2. The Figures are not cited well. It shows “Error! Reference source not found.” in the manuscript.
3. Line 274, duplicated citations in “ESM [9], [14], [14] is a …”
Author Response
Comments from reviewer 3:
- The 15threference is not complete, missing several fields, such as journal names, published data and so on.
Authors’ response: Thank you very much for pointing this out. We have added all the missing information for the 15th reference (Page 13): Devlin J, Chang M-W, Lee K, Toutanova K. BERT: Pre-training of Deep Bidirectional Transformers for Language Understanding. Proceedings of NAACL-HLT. 2019;4171–86.
- The Figures are not cited well. It shows “Error! Reference source not found.” in the manuscript.
Authors’ response: Thank you very much for pointing this out. This error happened after we uploaded the doc file, since our local doc file does not have this error. To avoid this type of error, we uploaded both PDF and doc file, and these types of errors are not in the PDF version.
- Line 274, duplicated citations in “ESM [9], [14], [14] is a …”
Authors’ response: Thank you for pointing this out. We have removed the duplicated citation (Page 10) and double checked all other references.
Reviewer 4 Report
The proposed manuscript is devoted to a study on a deep-learning methodology for estimation of the transcriptional activity of missense variants in HIV Tat using protein sequences .
Preliminaries to the research area are provided. Information related to the development of AIDS and its consequences as well as the role of Tat as an essential regulatory gene involved in HIV genome transcription and replication are described in detail. Previous related approaches are overviewed.

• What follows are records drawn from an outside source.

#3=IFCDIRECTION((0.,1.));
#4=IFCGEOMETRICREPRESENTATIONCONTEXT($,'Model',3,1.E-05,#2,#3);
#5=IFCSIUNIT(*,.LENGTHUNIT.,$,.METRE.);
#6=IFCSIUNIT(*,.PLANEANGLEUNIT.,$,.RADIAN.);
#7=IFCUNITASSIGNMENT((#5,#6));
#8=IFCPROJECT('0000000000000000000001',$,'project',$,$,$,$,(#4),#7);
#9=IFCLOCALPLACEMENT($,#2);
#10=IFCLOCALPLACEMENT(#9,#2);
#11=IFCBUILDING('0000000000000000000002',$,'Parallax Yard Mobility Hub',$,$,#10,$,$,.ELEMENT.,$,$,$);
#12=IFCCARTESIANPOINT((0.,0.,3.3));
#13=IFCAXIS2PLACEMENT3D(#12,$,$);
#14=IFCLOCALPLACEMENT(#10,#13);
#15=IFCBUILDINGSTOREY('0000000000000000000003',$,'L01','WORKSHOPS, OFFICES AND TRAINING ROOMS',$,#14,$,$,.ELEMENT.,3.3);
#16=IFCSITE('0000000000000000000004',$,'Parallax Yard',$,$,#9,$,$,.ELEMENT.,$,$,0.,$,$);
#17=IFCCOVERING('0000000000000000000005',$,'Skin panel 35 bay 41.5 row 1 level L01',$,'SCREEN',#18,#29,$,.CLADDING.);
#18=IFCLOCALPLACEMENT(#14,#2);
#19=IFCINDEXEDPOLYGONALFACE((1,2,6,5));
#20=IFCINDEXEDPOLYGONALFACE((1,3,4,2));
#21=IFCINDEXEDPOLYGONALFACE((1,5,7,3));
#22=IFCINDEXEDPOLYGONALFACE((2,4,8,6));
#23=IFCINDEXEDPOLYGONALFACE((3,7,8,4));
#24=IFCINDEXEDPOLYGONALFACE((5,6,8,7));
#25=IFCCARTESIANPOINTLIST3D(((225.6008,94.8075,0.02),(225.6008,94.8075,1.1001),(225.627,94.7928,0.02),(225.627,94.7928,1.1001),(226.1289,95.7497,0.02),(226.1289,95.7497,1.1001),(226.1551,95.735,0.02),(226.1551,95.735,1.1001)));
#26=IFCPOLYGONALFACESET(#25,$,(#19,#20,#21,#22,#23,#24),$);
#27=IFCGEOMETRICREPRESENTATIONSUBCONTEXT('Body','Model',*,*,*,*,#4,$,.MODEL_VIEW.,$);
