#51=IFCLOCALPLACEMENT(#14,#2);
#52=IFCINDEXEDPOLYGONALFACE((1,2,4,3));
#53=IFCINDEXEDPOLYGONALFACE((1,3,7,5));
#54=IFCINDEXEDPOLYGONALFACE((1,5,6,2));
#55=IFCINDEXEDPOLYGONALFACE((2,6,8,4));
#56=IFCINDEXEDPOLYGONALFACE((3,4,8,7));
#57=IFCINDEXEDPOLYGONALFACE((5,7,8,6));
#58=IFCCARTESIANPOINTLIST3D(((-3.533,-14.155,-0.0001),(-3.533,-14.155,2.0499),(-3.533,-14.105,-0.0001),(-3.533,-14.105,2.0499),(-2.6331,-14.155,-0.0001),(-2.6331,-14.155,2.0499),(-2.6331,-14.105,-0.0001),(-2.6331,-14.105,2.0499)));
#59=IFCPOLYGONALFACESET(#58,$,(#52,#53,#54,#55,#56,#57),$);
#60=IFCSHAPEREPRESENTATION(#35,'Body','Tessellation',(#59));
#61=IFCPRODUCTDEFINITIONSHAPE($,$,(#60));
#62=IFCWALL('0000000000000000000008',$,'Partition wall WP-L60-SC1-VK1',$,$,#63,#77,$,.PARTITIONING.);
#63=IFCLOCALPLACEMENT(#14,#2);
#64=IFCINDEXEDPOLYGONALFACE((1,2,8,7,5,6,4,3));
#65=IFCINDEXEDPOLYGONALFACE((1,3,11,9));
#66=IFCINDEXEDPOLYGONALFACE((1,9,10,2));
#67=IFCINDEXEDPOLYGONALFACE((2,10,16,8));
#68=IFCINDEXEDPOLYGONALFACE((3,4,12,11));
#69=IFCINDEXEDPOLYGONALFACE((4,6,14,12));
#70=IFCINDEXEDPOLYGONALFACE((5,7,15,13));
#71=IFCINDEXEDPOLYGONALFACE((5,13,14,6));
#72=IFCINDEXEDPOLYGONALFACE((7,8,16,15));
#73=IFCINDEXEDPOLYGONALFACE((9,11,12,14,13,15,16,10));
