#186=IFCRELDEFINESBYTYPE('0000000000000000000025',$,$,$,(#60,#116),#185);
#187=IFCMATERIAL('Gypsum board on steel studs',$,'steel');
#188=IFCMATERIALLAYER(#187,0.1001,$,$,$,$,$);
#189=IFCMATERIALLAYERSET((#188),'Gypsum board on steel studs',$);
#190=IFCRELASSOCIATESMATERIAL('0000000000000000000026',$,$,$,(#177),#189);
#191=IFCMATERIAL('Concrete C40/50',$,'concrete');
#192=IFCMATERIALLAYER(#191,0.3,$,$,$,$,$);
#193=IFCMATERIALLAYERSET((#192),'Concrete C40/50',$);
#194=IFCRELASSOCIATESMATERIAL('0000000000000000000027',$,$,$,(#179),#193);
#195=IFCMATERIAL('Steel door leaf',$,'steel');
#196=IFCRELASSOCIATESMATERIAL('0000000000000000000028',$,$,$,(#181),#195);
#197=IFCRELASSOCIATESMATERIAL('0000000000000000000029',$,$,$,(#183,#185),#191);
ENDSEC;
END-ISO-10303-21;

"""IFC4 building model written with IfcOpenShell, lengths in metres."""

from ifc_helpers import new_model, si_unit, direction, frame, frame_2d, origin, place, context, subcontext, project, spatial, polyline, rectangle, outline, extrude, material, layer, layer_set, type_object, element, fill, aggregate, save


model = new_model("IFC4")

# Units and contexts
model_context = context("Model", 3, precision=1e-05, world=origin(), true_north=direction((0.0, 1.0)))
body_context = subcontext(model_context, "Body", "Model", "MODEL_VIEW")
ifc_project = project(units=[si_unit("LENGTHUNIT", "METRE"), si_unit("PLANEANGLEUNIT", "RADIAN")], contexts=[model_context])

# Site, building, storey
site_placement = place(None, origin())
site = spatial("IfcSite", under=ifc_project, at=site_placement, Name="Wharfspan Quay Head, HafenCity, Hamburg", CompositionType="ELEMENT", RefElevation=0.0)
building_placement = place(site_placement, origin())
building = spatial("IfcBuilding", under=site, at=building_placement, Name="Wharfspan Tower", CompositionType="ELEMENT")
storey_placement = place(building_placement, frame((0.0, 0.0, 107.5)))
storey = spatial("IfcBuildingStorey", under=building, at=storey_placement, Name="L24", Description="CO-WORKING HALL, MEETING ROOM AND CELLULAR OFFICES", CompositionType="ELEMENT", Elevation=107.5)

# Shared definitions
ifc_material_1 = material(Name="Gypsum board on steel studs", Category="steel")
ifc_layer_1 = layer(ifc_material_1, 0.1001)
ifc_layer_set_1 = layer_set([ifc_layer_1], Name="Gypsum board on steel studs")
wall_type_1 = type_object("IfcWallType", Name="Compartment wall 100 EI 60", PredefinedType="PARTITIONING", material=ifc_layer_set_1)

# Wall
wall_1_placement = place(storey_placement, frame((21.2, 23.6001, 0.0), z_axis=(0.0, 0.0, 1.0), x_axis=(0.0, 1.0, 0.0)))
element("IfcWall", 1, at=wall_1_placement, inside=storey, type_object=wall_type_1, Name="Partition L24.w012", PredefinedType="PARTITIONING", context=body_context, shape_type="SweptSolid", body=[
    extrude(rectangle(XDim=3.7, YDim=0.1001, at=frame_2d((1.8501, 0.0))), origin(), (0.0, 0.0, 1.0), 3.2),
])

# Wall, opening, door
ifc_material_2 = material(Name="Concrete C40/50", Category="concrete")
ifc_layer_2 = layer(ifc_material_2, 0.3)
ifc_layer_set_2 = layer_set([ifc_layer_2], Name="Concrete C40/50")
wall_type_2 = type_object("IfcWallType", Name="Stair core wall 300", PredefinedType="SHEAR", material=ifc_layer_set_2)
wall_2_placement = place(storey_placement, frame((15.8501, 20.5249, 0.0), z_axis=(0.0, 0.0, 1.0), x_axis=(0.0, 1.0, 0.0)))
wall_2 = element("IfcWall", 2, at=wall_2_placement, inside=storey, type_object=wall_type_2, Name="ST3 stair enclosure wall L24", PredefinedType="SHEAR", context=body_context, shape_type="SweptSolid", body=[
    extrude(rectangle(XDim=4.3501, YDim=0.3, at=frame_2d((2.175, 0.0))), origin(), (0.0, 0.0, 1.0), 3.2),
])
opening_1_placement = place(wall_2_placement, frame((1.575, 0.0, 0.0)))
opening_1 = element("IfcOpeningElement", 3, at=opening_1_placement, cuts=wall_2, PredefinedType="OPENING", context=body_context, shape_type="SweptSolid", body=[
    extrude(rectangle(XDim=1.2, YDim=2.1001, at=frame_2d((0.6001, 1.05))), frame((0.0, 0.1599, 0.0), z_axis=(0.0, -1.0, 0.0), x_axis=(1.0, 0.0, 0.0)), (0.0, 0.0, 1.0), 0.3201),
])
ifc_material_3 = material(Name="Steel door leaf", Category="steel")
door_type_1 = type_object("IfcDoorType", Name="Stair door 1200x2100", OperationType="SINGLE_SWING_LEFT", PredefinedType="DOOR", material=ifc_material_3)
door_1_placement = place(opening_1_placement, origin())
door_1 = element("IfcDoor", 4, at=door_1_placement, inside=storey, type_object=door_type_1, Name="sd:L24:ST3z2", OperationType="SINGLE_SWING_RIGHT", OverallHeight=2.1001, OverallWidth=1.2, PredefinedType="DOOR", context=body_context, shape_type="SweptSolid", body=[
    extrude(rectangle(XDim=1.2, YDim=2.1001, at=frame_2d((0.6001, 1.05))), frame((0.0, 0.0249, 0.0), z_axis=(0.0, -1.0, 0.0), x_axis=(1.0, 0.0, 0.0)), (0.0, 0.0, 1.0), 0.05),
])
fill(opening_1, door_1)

The proposed methodology and the obtained results are carefully described. The properties of the method are evaluated showing that it is able to achieve better performance in comparison with other approaches used in this field.
The presentation of the main results is clear and comprehensive. From a formal point of view, all the contents seems to be correct. The results are valuable and worthy of being published taking into account their possible applications in clinical practice, in particular for better understanding of AIDS pathology and treatment, especially for investigation of other proteins with limited training data.
Minor revisions are suggested to improve the quality of the exposition:
p. 2, line 69: I suggest the aim and the novelty of the study to be better explained in the introductory section.
p. 2, line 74 and later: There are many errors of this type: “ Error! Reference source not found”.
p. 9, line 257: I propose the Section ”Materials and Methods” to be moved before the Results and Discussion.
p. 12-13: The formatting of the references is different, e.g. Ref.2 from the others, it should be unified in accordance with the requirements of the Journal.
Author Response
Comments from reviewer 4:
p.2, line 69: I suggest the aim and the novelty of the study to be better explained in the introductory section.
Authors’ response: Thank you for your comment. We have revised the last paragraph in the introduction to better explain the aim and novelty of our work (Page 2).
p.2, line 74 and later: There are many errors of this type: “ Error! Reference source not found”.
Authors’ response: Thank you very much for pointing this out. The reference errors happened after uploading the doc file. To avoid reference errors, we uploaded both PDF and doc file, and the PDF file is free of these reference errors.
p.9, line 257: I propose the Section ”Materials and Methods” to be moved before the Results and Discussion.
Authors’ response: Thank you for your suggestion, and we are happy to change the order of sections. However, based on the instructions of the journal (https://www.mdpi.com/journal/ijms/instructions), the required section order is “Research manuscript sections: Introduction, Results, Discussion, Materials and Methods, Conclusions (optional).”
p.12-13: The formatting of the references is different, e.g. Ref.2 from the others, it should be unified in accordance with the requirements of the Journal.
Authors’ response: Thank you for pointing this out. We have revised the references (Page 13) in accordance with your comment and the requirements of the journal.